Having a different grandparent name depending on the family is interesting.  I have to remember for example how to sign cards and letters, and how to refer to myself depending on which family I'm talking about.  I have 5 kids, and two of them still don't have children, so I'm curious what other names will get added to my list of Grandmother names!  

How about you?


----------



## jujube (Sep 22, 2018)

I'm Meemaw to my granddaughter and great-granddaughter.  The Spousal Equivalent's little grandchildren call me by my first name twice, such as Jujube-Jujube.  You see, I'm not to be called any form of Grandma (due to some family dynamics), even though I'm essentially the most involved Grandma and have been since their births.  They do slip quite often, though, and call me Grandma.


----------



## terry123 (Sep 22, 2018)

I am mimi to my grands and my daughters now call me that. Their other grandmother is meemaw.  We chose our names before they were born.


----------



## Sassycakes (Sep 22, 2018)

My son's 2 boys call me Gram, their other grandmother  wants to be called by her real name Lois.    My daughters little girl calls me Grammom.,and her other Grandmom wants to be called MomMom.


----------



## Pappy (Sep 22, 2018)

We are Mimi and Fifi. As you can see, it caught on.


----------



## Marie5656 (Sep 22, 2018)

*I just have step grand kids, who call me Grandma Marie.  An interesting aside, my brothers were so much older than me, that mi nephew and two nieces are fairly close to my age.  We dropped the "Aunt" thing years ago, and they just call me Marie, with my blessing.  

*


----------



## AprilT (Sep 22, 2018)

Mumsie.


----------



## Wren (Sep 22, 2018)

Sadly I don’t have grandchildren but one of the nicest names I’ve heard of is the actress Stephanie Beecham, who’s grandson calls her Glamma


----------



## DaveA (Sep 23, 2018)

My great grandkids call me "Big Poppa", and in the case of 2 of them, they call (our son) their granddad, "Poppa"..


----------



## peppermint (Sep 23, 2018)

I have 4 grandkids...Older boy calls me Gramma...His sister calls me Gram....The other teens call me Gramma....(the teens have another Grandma , they call Grammy)

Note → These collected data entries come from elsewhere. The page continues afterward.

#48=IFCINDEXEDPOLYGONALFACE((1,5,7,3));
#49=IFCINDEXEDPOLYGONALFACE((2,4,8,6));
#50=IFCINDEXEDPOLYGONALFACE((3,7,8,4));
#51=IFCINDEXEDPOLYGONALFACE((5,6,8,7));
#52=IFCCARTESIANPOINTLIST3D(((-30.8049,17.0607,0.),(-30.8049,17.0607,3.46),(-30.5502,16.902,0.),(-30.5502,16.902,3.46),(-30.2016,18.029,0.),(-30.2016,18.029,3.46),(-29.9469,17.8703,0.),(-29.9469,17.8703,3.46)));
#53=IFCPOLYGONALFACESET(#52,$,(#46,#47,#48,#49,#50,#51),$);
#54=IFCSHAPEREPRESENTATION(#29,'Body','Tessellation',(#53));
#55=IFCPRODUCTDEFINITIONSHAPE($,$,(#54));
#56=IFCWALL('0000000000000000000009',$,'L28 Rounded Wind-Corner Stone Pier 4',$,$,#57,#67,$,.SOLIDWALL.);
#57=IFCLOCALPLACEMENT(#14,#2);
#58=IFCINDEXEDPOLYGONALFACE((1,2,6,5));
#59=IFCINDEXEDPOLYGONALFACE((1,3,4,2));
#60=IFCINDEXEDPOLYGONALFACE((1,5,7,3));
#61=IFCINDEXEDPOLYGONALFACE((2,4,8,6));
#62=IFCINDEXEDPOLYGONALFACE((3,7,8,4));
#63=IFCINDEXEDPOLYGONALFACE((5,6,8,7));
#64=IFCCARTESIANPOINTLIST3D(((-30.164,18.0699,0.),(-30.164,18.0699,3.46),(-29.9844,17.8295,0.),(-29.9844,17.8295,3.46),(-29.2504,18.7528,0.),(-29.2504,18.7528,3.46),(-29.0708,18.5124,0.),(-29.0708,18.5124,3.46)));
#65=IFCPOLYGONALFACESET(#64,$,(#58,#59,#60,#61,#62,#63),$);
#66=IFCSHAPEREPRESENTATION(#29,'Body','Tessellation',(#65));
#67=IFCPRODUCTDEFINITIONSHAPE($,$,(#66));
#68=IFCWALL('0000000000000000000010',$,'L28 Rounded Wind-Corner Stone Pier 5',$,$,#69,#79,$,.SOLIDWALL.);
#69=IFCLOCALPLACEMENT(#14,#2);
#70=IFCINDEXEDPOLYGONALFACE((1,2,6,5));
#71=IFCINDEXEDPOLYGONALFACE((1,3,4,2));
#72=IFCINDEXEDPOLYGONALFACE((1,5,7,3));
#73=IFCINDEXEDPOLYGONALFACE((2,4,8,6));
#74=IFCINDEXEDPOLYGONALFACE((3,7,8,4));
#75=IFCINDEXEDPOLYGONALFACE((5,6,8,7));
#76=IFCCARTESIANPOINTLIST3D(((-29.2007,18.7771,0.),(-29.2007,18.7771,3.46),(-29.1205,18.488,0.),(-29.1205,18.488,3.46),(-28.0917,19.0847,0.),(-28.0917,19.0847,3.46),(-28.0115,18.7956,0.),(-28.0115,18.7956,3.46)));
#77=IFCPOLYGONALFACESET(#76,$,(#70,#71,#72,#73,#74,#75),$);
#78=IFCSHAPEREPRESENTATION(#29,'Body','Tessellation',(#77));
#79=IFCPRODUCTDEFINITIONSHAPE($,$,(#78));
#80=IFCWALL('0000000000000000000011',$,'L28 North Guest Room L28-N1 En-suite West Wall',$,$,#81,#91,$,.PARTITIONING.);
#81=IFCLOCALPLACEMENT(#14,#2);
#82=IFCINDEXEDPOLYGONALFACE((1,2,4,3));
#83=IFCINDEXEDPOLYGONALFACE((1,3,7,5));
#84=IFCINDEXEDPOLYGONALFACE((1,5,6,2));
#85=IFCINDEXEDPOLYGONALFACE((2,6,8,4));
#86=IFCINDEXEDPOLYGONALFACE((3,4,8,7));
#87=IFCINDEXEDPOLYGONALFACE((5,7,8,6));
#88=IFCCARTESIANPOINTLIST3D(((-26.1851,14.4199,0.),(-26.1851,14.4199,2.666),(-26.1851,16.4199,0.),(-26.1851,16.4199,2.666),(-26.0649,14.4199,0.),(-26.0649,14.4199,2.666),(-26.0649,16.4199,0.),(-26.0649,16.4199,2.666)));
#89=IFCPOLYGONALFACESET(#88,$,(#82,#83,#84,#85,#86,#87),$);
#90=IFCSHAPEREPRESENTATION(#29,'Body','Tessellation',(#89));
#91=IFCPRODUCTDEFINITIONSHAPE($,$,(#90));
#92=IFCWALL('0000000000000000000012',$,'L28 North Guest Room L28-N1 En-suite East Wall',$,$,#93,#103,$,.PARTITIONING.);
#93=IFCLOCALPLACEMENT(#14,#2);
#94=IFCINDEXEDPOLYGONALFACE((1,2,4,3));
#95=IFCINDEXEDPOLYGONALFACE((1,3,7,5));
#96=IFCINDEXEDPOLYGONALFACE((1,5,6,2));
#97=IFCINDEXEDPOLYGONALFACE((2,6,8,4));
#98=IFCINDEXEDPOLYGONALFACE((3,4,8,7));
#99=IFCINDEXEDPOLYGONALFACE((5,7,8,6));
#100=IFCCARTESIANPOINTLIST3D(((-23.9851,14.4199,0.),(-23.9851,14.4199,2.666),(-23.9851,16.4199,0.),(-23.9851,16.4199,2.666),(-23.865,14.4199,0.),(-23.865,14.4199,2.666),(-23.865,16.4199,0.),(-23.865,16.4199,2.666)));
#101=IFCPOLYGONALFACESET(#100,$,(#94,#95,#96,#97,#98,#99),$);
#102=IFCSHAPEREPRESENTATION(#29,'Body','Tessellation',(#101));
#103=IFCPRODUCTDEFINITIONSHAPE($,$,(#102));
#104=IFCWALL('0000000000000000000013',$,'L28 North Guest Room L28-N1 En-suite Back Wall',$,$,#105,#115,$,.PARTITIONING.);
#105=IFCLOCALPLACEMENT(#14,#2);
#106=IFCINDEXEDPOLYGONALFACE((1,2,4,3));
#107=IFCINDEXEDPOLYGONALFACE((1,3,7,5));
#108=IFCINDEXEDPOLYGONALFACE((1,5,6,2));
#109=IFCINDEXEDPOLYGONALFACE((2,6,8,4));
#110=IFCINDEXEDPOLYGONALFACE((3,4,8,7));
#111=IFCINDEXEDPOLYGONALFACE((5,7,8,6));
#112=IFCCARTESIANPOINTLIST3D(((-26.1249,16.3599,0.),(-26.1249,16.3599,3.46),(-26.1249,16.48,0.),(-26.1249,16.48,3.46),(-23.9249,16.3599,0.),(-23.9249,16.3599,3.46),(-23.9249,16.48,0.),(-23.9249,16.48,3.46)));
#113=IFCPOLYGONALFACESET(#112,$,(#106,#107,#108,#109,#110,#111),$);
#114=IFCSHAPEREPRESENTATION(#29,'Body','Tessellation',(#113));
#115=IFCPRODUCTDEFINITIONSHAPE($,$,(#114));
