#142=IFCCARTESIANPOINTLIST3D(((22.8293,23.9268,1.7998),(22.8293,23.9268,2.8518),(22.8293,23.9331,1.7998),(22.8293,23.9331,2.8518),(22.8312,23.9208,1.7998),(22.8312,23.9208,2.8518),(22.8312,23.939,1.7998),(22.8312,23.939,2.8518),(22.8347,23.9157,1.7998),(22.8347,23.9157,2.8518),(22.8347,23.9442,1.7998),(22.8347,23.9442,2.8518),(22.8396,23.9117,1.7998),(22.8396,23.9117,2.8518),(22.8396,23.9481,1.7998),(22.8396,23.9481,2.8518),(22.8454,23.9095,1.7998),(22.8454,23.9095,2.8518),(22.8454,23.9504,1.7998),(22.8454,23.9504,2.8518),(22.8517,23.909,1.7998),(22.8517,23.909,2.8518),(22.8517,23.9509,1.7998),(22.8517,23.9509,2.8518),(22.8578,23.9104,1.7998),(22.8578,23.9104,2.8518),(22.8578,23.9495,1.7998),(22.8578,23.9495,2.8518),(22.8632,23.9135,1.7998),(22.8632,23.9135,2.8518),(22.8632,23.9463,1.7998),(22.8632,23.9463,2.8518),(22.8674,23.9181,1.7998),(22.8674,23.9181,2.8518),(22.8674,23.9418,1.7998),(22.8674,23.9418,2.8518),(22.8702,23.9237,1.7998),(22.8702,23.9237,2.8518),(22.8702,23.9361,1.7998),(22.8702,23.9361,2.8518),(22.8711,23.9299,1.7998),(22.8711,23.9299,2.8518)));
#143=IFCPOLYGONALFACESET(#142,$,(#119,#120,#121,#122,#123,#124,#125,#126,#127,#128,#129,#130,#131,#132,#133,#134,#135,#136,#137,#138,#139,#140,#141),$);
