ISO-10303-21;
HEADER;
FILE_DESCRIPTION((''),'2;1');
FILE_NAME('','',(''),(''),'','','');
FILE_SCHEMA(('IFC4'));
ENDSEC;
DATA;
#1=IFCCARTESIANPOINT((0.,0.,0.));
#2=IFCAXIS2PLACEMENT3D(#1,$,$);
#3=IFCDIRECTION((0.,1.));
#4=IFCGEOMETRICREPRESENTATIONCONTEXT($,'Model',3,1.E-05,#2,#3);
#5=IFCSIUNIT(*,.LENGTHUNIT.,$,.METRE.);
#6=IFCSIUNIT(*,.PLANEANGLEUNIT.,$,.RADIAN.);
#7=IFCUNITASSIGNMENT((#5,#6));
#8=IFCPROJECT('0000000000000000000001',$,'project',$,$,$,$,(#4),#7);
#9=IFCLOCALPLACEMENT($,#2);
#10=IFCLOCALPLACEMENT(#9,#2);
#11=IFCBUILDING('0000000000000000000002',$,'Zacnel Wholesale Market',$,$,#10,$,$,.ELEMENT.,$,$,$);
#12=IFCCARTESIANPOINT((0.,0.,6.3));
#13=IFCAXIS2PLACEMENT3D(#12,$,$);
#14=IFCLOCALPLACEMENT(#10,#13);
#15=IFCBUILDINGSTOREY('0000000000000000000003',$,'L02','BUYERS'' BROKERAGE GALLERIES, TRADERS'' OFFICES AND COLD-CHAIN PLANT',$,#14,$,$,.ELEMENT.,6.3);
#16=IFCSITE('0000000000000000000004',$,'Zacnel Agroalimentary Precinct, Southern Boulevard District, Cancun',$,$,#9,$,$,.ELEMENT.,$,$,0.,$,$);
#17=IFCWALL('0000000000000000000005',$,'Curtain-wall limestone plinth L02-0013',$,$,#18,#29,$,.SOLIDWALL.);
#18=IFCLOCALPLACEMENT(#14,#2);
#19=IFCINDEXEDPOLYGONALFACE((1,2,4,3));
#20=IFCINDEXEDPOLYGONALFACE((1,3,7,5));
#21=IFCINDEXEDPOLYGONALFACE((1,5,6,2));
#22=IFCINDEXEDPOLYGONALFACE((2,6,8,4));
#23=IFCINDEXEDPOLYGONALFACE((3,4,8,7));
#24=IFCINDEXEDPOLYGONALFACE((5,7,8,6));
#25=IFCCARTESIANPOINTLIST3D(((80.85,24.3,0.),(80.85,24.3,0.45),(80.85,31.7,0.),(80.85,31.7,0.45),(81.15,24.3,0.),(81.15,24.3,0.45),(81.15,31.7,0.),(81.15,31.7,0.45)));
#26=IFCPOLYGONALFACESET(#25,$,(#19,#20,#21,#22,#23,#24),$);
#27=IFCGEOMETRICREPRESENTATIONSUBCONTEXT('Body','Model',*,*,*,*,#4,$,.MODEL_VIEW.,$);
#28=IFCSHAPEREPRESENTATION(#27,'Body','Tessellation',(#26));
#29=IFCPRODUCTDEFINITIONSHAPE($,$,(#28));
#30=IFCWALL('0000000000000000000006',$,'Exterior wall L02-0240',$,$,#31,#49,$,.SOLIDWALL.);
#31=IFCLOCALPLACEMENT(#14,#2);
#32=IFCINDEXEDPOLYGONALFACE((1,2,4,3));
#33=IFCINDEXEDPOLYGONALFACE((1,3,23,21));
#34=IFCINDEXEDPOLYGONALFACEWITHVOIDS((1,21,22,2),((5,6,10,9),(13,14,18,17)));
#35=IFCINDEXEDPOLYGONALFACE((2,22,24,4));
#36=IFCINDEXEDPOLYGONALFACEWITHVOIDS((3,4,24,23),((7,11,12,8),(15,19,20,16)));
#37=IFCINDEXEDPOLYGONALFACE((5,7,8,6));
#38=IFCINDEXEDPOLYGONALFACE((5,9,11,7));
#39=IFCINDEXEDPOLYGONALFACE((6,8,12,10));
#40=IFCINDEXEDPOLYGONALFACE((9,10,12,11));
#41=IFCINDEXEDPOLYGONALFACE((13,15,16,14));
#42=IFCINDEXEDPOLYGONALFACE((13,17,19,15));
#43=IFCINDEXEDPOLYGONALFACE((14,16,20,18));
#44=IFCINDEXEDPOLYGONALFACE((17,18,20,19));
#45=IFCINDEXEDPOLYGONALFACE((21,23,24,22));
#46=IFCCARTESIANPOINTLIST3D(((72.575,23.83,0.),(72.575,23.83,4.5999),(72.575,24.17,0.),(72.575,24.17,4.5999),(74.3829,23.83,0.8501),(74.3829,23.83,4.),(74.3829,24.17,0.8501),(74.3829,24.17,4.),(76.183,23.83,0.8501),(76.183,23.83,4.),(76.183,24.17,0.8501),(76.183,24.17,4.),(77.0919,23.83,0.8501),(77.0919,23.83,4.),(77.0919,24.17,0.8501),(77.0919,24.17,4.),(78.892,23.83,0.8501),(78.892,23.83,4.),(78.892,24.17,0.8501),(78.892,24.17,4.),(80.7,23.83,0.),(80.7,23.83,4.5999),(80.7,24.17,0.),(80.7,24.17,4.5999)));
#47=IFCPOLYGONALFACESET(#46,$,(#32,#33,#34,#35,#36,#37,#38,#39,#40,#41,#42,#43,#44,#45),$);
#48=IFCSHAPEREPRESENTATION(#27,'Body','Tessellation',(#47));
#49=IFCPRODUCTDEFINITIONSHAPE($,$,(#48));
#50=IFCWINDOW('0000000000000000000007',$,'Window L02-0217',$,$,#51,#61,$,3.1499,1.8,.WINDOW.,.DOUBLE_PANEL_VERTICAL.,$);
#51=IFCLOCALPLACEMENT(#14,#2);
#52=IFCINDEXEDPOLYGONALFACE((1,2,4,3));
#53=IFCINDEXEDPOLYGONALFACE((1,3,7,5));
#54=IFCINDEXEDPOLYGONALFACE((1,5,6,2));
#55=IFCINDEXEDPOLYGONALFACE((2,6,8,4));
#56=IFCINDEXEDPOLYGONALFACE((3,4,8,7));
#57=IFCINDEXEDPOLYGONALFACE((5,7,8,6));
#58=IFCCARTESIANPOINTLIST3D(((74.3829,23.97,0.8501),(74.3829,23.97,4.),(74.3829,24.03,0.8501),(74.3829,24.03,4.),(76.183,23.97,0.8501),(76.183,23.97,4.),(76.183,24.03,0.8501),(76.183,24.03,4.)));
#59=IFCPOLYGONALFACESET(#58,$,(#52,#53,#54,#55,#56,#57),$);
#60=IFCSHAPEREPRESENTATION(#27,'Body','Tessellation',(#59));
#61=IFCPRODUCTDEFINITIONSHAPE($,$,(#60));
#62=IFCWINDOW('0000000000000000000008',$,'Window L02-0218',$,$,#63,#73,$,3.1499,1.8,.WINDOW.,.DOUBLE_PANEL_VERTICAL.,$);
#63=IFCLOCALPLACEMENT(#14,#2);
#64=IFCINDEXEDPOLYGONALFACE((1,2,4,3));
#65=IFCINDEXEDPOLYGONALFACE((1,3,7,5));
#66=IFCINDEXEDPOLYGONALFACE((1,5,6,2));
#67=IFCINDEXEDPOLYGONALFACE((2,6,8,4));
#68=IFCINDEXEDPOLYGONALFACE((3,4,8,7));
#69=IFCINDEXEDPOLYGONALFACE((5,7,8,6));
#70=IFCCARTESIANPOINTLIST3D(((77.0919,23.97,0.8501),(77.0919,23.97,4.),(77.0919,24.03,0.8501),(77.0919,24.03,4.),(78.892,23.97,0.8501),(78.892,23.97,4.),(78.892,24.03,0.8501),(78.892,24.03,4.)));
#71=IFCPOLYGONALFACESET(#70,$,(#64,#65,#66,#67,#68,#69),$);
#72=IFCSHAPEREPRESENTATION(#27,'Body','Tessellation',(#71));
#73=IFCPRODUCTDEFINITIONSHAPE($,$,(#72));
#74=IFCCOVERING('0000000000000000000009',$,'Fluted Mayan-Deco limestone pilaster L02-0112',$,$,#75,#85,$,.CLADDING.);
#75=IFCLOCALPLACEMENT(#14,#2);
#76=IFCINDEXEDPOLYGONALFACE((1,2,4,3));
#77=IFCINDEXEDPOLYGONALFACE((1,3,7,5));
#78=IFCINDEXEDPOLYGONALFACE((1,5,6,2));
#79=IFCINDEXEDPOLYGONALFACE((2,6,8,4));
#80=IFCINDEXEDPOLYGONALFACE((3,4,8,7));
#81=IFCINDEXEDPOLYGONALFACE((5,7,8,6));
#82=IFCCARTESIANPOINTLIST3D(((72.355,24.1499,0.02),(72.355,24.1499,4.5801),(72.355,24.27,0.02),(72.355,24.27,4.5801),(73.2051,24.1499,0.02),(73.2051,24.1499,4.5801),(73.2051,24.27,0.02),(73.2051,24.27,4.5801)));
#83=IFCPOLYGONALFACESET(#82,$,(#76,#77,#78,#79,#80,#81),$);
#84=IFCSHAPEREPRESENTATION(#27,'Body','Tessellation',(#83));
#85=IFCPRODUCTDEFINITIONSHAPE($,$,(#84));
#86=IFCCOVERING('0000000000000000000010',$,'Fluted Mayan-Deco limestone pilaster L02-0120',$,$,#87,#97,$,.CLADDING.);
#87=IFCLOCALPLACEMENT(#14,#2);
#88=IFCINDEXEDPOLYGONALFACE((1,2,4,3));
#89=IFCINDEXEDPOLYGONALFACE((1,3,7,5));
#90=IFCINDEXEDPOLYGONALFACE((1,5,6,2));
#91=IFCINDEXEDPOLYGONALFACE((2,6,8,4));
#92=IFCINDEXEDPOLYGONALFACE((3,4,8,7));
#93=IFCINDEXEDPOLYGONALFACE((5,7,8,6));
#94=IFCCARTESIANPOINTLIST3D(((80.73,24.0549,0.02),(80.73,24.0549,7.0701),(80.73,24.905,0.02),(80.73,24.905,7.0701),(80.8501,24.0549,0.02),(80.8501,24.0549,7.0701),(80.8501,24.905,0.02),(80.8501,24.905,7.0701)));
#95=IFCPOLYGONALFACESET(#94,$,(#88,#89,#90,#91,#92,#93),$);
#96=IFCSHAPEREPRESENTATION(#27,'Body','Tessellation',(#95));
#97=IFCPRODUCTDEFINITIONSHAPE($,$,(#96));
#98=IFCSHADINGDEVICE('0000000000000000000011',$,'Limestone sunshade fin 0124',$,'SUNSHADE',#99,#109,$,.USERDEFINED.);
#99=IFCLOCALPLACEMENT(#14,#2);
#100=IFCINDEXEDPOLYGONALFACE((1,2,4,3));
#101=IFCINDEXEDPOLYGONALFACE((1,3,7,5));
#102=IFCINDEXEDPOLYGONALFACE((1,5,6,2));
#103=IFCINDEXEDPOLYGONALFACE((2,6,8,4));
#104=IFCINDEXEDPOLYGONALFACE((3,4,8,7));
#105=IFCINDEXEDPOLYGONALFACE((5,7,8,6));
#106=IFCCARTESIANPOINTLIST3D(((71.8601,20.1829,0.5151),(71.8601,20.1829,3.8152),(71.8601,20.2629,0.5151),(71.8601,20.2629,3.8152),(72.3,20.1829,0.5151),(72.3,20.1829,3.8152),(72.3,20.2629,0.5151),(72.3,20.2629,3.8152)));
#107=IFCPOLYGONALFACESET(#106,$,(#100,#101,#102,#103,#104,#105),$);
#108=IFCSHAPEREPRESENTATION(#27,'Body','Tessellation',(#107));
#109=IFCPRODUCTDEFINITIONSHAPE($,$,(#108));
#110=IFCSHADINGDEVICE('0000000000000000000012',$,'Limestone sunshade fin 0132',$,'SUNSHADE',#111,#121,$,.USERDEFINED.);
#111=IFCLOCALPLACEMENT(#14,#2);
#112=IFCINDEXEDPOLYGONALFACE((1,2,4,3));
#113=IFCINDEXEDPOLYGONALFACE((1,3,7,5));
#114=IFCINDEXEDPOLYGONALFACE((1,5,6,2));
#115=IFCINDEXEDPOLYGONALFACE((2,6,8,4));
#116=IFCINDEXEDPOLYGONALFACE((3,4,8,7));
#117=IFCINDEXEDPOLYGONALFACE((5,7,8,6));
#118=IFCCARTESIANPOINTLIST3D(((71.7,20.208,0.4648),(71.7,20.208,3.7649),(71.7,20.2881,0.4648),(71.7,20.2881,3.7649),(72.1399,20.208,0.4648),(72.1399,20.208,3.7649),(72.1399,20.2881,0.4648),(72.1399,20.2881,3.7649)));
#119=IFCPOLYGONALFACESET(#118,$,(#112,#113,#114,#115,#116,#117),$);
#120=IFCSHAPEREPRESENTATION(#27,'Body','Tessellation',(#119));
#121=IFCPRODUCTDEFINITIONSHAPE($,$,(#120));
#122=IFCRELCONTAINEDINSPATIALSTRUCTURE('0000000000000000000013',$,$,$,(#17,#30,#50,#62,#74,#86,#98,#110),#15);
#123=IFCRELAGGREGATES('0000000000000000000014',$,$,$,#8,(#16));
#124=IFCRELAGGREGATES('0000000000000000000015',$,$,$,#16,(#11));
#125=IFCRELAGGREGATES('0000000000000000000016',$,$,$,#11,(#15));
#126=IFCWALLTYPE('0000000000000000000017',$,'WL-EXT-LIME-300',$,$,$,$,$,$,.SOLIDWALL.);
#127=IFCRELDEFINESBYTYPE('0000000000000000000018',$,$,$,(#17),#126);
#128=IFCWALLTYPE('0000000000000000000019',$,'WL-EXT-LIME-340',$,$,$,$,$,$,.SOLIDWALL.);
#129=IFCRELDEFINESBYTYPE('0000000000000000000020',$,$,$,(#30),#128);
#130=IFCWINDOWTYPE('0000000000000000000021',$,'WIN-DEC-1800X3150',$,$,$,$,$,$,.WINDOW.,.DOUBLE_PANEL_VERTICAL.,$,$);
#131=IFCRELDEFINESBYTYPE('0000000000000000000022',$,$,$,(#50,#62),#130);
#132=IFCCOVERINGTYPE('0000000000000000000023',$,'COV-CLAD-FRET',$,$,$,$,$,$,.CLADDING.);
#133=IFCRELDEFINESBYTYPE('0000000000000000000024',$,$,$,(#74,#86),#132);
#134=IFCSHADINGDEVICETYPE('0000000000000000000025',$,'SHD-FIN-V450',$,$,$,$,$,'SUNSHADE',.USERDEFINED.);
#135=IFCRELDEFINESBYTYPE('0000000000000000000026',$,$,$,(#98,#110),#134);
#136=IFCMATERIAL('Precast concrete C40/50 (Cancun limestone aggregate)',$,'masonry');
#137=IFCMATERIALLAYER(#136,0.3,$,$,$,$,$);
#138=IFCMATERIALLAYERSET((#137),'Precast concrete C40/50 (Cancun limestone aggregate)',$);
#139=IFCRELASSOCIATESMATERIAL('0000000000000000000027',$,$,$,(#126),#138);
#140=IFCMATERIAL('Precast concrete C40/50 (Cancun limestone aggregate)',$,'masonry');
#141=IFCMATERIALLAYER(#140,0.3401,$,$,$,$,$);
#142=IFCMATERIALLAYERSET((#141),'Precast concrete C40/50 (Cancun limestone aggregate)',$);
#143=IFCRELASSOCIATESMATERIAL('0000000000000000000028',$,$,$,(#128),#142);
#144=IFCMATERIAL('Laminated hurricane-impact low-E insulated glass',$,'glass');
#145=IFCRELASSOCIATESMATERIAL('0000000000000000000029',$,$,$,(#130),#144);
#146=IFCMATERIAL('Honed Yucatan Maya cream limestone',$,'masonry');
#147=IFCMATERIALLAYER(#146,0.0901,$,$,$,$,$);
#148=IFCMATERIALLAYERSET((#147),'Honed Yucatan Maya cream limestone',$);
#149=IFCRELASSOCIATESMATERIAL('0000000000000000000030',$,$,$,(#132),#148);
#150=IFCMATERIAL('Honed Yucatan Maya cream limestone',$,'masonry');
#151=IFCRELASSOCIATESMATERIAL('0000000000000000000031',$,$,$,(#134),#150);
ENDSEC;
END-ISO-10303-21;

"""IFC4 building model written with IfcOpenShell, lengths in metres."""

from ifc_helpers import new_model, si_unit, direction, frame, frame_2d, origin, origin_2d, place, context, subcontext, project, spatial, rectangle, extrude, material, layer, layer_set, type_object, element, fill, save


model = new_model("IFC4")

# Units and contexts
model_context = context("Model", 3, precision=1e-05, world=origin(), true_north=direction((0.0, 1.0)))
body_context = subcontext(model_context, "Body", "Model", "MODEL_VIEW")
ifc_project = project(units=[si_unit("LENGTHUNIT", "METRE"), si_unit("PLANEANGLEUNIT", "RADIAN")], contexts=[model_context])

# Site, building, storey
site_placement = place(None, origin())
site = spatial("IfcSite", under=ifc_project, at=site_placement, Name="Zacnel Agroalimentary Precinct, Southern Boulevard District, Cancun", CompositionType="ELEMENT", RefElevation=0.0)
building_placement = place(site_placement, origin())
building = spatial("IfcBuilding", under=site, at=building_placement, Name="Zacnel Wholesale Market", CompositionType="ELEMENT")
storey_placement = place(building_placement, frame((0.0, 0.0, 6.3)))
storey = spatial("IfcBuildingStorey", under=building, at=storey_placement, Name="L02", Description="BUYERS' BROKERAGE GALLERIES, TRADERS' OFFICES AND COLD-CHAIN PLANT", CompositionType="ELEMENT", Elevation=6.3)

They all call my husband, Gramps..


----------



## Gary O' (Sep 23, 2018)

Namaw and Papaw


----------



## Ruth n Jersey (Sep 23, 2018)

Oma and Opa suits us just fine.


----------



## PopsnTuff (Sep 23, 2018)

I chose Grammy for my three g'kids to call me, like in the Grammy Awards, since I'm a big music lover


----------



## Ronni (Sep 24, 2018)

Ron has very young grandchildren. When I started coming around, I just referred to myself as Ronni around them, expecting that they'd call me that...at least the older one who had just started talking..the baby wasn't even a year old yet.   But he just couldn't manage to pronounce Ronni well.  It kept coming out Honey!  And it's sort of stuck...his younger brother who has now started to talk is also calling me Honey. Yet another grandma name to respond to!!   

We don't always get to be called the name we choose   A dear friend of mine and her husband wanted to be called Nanny and Pops.  Their one and only grandchild simply could not get his tongue around that, and started calling them Nam and Bops.  To this day, the boy is now in his early 30's, they are still called Nam and Bops!!  Love that.   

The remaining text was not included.